If this is not the case, the only way we can debug is to try to reproduce the issue here. Would you be ale to share the data?

Hi @apunjani,
No, that is a single workstation with one GPU and a SSD. Yes, I could share the data with you. It would be good to get to the bottom of it.
Michael

Hi,

This this issue get resolved.
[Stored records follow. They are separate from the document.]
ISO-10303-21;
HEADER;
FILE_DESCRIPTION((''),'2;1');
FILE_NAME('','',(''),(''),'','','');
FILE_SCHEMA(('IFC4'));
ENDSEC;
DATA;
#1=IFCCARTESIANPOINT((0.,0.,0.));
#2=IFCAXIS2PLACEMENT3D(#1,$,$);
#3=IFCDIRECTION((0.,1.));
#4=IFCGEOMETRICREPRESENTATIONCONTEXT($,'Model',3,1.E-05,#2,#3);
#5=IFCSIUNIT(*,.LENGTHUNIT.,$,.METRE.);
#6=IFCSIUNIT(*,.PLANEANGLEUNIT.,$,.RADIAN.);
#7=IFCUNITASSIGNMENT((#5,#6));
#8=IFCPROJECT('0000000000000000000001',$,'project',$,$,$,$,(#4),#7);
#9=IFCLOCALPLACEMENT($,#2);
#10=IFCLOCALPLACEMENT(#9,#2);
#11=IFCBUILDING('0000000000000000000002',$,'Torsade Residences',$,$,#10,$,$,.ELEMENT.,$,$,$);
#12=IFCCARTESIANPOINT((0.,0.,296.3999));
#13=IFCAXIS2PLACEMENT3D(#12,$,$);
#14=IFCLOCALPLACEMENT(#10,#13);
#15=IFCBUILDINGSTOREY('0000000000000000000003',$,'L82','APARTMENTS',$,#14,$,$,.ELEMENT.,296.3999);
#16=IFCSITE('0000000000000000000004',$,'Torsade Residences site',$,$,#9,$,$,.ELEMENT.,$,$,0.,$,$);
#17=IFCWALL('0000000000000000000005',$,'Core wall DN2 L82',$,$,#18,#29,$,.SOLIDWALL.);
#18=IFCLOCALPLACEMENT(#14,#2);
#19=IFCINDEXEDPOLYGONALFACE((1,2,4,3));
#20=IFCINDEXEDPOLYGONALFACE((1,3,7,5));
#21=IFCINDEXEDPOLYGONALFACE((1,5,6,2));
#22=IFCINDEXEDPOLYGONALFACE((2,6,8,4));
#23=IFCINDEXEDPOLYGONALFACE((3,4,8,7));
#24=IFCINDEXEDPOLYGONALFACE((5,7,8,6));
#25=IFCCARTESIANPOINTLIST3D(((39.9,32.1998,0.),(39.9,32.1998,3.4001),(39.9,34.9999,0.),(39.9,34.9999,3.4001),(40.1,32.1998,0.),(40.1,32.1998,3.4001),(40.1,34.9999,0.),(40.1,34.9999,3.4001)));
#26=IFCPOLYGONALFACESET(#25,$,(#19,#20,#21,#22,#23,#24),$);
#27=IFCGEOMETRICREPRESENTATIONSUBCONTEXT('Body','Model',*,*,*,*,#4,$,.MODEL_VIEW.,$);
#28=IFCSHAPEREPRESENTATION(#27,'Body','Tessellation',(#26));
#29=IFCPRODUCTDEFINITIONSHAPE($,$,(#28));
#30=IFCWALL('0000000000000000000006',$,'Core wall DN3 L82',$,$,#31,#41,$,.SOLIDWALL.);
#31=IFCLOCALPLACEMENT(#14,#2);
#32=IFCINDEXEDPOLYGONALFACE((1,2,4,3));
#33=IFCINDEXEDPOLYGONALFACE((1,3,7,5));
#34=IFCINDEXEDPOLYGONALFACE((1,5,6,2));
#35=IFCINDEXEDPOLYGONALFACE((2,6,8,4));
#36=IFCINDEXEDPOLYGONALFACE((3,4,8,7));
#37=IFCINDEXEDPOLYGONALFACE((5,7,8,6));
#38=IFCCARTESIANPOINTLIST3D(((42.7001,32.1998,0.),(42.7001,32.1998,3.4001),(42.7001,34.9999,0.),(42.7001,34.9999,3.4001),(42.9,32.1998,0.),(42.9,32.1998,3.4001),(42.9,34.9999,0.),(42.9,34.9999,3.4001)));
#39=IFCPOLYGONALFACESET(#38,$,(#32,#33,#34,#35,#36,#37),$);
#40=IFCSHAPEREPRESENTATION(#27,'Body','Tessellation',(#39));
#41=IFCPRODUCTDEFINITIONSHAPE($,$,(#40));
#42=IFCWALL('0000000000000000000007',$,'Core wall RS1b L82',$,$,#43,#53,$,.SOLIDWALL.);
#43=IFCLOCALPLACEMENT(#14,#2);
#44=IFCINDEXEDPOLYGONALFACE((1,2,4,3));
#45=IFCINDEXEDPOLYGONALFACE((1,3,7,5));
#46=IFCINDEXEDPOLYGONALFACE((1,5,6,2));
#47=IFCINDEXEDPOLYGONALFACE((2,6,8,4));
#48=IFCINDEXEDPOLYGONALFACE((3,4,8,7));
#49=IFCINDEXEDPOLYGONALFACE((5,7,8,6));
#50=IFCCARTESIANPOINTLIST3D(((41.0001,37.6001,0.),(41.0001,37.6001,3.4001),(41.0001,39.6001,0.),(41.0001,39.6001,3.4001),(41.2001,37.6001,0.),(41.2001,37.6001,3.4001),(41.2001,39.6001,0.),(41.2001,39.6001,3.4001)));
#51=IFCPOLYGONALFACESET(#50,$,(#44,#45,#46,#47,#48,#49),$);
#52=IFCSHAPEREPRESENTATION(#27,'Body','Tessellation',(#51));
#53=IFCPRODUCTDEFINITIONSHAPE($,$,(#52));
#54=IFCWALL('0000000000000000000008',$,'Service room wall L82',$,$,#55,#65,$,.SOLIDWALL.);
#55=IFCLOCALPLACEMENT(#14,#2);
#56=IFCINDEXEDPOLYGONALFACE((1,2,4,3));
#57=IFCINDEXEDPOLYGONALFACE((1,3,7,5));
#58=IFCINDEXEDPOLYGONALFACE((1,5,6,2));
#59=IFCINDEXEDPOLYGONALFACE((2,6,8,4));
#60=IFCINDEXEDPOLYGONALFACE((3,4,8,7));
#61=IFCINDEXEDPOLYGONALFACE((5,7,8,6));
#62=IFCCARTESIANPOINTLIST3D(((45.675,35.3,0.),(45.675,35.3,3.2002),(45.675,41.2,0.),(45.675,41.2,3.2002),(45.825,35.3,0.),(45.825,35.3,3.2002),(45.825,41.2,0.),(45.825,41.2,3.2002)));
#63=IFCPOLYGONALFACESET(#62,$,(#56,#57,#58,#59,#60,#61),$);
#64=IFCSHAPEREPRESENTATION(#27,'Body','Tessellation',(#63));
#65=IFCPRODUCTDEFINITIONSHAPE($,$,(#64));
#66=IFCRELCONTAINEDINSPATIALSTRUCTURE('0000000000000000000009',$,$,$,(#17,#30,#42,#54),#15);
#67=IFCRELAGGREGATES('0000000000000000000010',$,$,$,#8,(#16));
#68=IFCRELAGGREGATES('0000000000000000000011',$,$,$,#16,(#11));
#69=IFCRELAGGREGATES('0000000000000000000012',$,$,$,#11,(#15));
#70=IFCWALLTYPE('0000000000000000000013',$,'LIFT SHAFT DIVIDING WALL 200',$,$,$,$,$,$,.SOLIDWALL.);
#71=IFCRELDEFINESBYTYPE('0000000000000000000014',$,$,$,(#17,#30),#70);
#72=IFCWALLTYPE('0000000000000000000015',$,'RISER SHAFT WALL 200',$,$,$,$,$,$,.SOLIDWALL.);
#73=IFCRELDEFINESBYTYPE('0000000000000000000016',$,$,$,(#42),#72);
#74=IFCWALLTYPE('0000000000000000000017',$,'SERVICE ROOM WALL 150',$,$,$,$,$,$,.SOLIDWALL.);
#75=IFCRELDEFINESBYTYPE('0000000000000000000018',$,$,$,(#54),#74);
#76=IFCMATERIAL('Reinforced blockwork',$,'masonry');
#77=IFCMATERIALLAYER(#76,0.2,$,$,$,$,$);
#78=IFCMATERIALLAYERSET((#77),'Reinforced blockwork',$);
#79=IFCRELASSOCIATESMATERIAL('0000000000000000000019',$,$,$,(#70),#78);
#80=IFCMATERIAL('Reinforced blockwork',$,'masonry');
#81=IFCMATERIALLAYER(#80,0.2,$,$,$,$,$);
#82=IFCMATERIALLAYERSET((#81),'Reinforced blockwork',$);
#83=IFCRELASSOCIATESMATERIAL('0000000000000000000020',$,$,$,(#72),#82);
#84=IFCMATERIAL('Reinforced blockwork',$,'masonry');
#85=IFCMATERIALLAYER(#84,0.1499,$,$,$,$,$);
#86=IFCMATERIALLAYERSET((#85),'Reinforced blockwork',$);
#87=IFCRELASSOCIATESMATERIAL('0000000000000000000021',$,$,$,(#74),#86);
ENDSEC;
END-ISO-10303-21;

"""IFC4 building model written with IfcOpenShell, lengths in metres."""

from ifc_helpers import new_model, si_unit, direction, frame, frame_2d, origin, place, context, subcontext, project, spatial, rectangle, extrude, material, layer, layer_set, type_object, element, save


model = new_model("IFC4")

# Units and contexts
model_context = context("Model", 3, precision=1e-05, world=origin(), true_north=direction((0.0, 1.0)))
body_context = subcontext(model_context, "Body", "Model", "MODEL_VIEW")
ifc_project = project(units=[si_unit("LENGTHUNIT", "METRE"), si_unit("PLANEANGLEUNIT", "RADIAN")], contexts=[model_context])

# Site, building, storey
site_placement = place(None, origin())
site = spatial("IfcSite", under=ifc_project, at=site_placement, Name="Torsade Residences site", CompositionType="ELEMENT", RefElevation=0.0)
building_placement = place(site_placement, origin())
building = spatial("IfcBuilding", under=site, at=building_placement, Name="Torsade Residences", CompositionType="ELEMENT")
storey_placement = place(building_placement, frame((0.0, 0.0, 296.3999)))
storey = spatial("IfcBuildingStorey", under=building, at=storey_placement, Name="L82", Description="APARTMENTS", CompositionType="ELEMENT", Elevation=296.3999)

# Walls
ifc_material_1 = material(Name="Reinforced blockwork", Category="masonry")
ifc_layer_1 = layer(ifc_material_1, 0.2)
ifc_layer_set_1 = layer_set([ifc_layer_1], Name="Reinforced blockwork")
wall_type_1 = type_object("IfcWallType", Name="LIFT SHAFT DIVIDING WALL 200", PredefinedType="SOLIDWALL", material=ifc_layer_set_1)
for number, where, z_axis, x_axis, name in (
    (1, (40.0, 32.2, 0.0), (0.0, 0.0, 1.0), (0.0, 1.0, 0.0), "Core wall DN2 L82"),
    (2, (42.8, 32.2, 0.0), (0.0, 0.0, 1.0), (0.0, 1.0, 0.0), "Core wall DN3 L82"),
):
    element("IfcWall", number, at=place(storey_placement, frame(where, z_axis=z_axis, x_axis=x_axis)), inside=storey, type_object=wall_type_1, Name=name, PredefinedType="SOLIDWALL", context=body_context, shape_type="SweptSolid", body=[
        extrude(rectangle(XDim=2.8, YDim=0.2, at=frame_2d((1.3999, 0.0))), origin(), (0.0, 0.0, 1.0), 3.4001),
    ])
ifc_material_2 = material(Name="Reinforced blockwork", Category="masonry")
ifc_layer_2 = layer(ifc_material_2, 0.2)
ifc_layer_set_2 = layer_set([ifc_layer_2], Name="Reinforced blockwork")
wall_type_2 = type_object("IfcWallType", Name="RISER SHAFT WALL 200", PredefinedType="SOLIDWALL", material=ifc_layer_set_2)
wall_1_placement = place(storey_placement, frame((41.1001, 37.6001, 0.0), z_axis=(0.0, 0.0, 1.0), x_axis=(0.0, 1.0, 0.0)))
element("IfcWall", 3, at=wall_1_placement, inside=storey, type_object=wall_type_2, Name="Core wall RS1b L82", PredefinedType="SOLIDWALL", context=body_context, shape_type="SweptSolid", body=[
    extrude(rectangle(XDim=2.0, YDim=0.2, at=frame_2d((1.0, 0.0))), origin(), (0.0, 0.0, 1.0), 3.4001),
])
ifc_material_3 = material(Name="Reinforced blockwork", Category="masonry")
ifc_layer_3 = layer(ifc_material_3, 0.1499)
ifc_layer_set_3 = layer_set([ifc_layer_3], Name="Reinforced blockwork")
wall_type_3 = type_object("IfcWallType", Name="SERVICE ROOM WALL 150", PredefinedType="SOLIDWALL", material=ifc_layer_set_3)
wall_2_placement = place(storey_placement, frame((45.75, 41.2, 0.0), z_axis=(0.0, 0.0, 1.0), x_axis=(0.0, -1.0, 0.0)))
element("IfcWall", 4, at=wall_2_placement, inside=storey, type_object=wall_type_3, Name="Service room wall L82", PredefinedType="SOLIDWALL", context=body_context, shape_type="SweptSolid", body=[
    extrude(rectangle(XDim=5.8999, YDim=0.1499, at=frame_2d((2.95, 0.0))), origin(), (0.0, 0.0, 1.0), 3.2002),
])

save(model, "model.ifc")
I have the same error and an always working on a single workstation with an SSD, but 4 GPUs.

This is the error I repeatedly get:

[CPU: 99.5 MB] Project P1 Job J186 Started

[CPU: 99.5 MB] Master running v2.15.0, worker running v2.15.0

[CPU: 99.8 MB] Running on lane default

[CPU: 99.8 MB] Resources allocated:

[CPU: 99.8 MB] Worker: localhost

[CPU: 99.8 MB] CPU : [0, 1]

[CPU: 99.8 MB] GPU : [0, 1, 2]

[CPU: 99.8 MB] RAM : [0, 1, 2]

[CPU: 99.8 MB] SSD : False

[CPU: 99.8 MB] --------------------------------------------------------------

[CPU: 99.8 MB] Importing job module for job type class_2D…
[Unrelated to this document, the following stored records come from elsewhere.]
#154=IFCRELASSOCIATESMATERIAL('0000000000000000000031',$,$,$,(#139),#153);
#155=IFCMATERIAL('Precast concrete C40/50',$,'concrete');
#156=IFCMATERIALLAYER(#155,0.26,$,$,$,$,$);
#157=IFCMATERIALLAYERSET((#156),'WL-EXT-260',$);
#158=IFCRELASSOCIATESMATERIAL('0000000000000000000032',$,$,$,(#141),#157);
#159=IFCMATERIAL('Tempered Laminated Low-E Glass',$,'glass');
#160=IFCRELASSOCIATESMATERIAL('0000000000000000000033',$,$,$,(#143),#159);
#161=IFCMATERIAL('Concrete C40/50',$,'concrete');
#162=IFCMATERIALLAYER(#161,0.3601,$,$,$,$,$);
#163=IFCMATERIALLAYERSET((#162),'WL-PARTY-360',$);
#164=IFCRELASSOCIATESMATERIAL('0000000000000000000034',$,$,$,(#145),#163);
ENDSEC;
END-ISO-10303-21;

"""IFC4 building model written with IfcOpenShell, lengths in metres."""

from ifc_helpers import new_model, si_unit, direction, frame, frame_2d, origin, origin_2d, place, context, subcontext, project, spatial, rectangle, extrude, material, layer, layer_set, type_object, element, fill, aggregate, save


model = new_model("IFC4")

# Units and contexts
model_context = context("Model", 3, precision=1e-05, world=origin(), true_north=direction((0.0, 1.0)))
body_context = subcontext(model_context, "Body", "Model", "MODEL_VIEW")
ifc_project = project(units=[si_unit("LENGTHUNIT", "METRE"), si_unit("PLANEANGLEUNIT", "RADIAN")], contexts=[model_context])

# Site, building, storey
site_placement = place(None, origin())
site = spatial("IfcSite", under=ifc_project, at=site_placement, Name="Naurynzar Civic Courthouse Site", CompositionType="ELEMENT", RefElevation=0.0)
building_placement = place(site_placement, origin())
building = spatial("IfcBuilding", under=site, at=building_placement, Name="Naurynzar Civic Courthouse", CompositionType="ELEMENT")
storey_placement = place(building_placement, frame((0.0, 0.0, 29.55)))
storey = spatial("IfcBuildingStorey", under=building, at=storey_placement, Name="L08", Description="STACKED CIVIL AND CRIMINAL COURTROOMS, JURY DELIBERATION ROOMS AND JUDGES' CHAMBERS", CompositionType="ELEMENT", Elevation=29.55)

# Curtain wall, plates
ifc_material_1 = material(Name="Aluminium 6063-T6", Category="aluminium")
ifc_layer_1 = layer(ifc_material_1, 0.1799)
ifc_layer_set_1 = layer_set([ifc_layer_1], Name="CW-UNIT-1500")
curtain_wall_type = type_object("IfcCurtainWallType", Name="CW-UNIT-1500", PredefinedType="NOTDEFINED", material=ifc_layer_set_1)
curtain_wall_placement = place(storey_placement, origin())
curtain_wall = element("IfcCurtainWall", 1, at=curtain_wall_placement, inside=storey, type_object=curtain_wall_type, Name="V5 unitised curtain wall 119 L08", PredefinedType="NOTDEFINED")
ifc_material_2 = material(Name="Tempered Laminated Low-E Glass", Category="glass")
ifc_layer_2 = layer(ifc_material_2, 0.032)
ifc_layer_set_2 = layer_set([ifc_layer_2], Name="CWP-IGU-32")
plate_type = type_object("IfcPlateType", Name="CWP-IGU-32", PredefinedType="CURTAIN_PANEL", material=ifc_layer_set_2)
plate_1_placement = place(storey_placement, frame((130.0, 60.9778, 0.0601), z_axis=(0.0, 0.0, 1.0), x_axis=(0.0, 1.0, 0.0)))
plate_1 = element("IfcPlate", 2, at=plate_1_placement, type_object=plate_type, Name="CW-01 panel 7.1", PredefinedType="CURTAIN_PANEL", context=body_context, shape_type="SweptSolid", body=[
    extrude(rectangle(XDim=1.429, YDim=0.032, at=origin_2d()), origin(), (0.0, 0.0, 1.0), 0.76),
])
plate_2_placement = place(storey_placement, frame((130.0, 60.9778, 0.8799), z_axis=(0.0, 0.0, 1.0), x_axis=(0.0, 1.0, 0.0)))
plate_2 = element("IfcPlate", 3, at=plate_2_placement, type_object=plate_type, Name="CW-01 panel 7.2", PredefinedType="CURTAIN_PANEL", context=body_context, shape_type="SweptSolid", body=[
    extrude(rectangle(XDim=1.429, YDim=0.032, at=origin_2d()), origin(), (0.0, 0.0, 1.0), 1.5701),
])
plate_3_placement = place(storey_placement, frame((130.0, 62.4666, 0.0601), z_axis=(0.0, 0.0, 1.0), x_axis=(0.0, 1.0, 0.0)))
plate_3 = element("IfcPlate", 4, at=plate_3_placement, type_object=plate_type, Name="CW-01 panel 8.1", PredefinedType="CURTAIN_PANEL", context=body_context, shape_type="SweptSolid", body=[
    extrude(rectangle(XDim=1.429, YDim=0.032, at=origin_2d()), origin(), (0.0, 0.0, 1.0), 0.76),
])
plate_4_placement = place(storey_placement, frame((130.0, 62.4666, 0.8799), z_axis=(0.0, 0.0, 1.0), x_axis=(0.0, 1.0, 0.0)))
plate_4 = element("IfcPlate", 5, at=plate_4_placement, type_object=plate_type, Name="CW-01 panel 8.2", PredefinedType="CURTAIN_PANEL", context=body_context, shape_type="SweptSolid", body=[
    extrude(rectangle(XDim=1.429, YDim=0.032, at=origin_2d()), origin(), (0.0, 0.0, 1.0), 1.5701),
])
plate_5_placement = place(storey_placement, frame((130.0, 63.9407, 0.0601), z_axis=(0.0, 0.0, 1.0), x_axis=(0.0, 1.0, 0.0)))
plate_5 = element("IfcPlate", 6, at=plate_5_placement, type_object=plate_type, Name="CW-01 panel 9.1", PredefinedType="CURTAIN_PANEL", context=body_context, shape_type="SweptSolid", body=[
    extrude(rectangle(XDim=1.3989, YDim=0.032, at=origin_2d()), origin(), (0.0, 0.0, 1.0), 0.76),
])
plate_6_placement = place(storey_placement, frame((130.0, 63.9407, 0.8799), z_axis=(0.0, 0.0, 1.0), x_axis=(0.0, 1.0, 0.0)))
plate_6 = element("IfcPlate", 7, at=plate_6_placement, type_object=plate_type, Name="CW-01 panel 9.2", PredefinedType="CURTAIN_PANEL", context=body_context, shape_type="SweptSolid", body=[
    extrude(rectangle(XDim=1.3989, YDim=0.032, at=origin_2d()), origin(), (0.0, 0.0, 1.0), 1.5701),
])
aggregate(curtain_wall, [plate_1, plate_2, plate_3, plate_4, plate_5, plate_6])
[CPU: 512.3 MB] Job ready to run

[CPU: 512.3 MB] ***************************************************************

[CPU: 83.6 MB] ====== Job process terminated abnormally.

And if I check the joblog this is it, there is no clear error:

================= CRYOSPARCW ======= 2020-09-24 09:24:27.688578 =========
Project P1 Job J186
Master localhost Port 39002

========= monitor process now starting main process
MAINPROCESS PID 262080
========= monitor process now waiting for main process
MAIN PID 262080
class2D.run cryosparc2_compute.jobs.jobregister
/home/myfry/software/cryosparc/cryosparc2_worker/deps/anaconda/lib/python2.7/site-packages/skcuda/cublas.py:284: UserWarning: creating CUBLAS context to get version number
warnings.warn(‘creating CUBLAS context to get version number’)
========= sending heartbeat
========= sending heartbeat
========= sending heartbeat
========= sending heartbeat
========= sending heartbeat
========= sending heartbeat
========= sending heartbeat
========= main process now complete.
========= monitor process now complete.

Thanks,
Michelle

Hi Michelle,

I have a workstation with 4 GPUs and I get the same error message all the time at random points of the jobs. Did you figure out a solution? I’d be very grateful if you could share.
Thanks,
Yashar

Hi Yashar,

If I remember correctly it was a memory problem. My labmate was running motion correction jobs at the same time, but on different GPUs.

Best,
Michelle

Hi,
I am getting a similar error message while running 2D classification in cryosparc v3.2.0. Attached is the screenshot of the error file. The job has about 3.2 million particles. I don’t think the size of the particles could be the cause since jobs with more particles ran successfully earlier with the exact same parameters.


Can someone please help?
Thank you
Abhipsa

Hi Abhipsa,

Usually this means that the file is corrupt on disk. Try using the “check for corrupt particles” job - that should identify whether or not some of your particle stacks are unreadable.

–Harris

@abhipsa You noted that you’re running version 3.2. Did you consider updating cryoSPARC to the latest version, in addition to following @hsnyder’s suggestion?

1 Like

Hi Harris,
Thanks for the help but unfortunately I do not find the above-mentioned job under utilities section (image attached). I guess that’s because I am still using v3.2.0. Is there any other way I can check for the presence of corrupt files?
-Abhipsa!

@wtempel Yes, we are still running the older version. We will update it soon.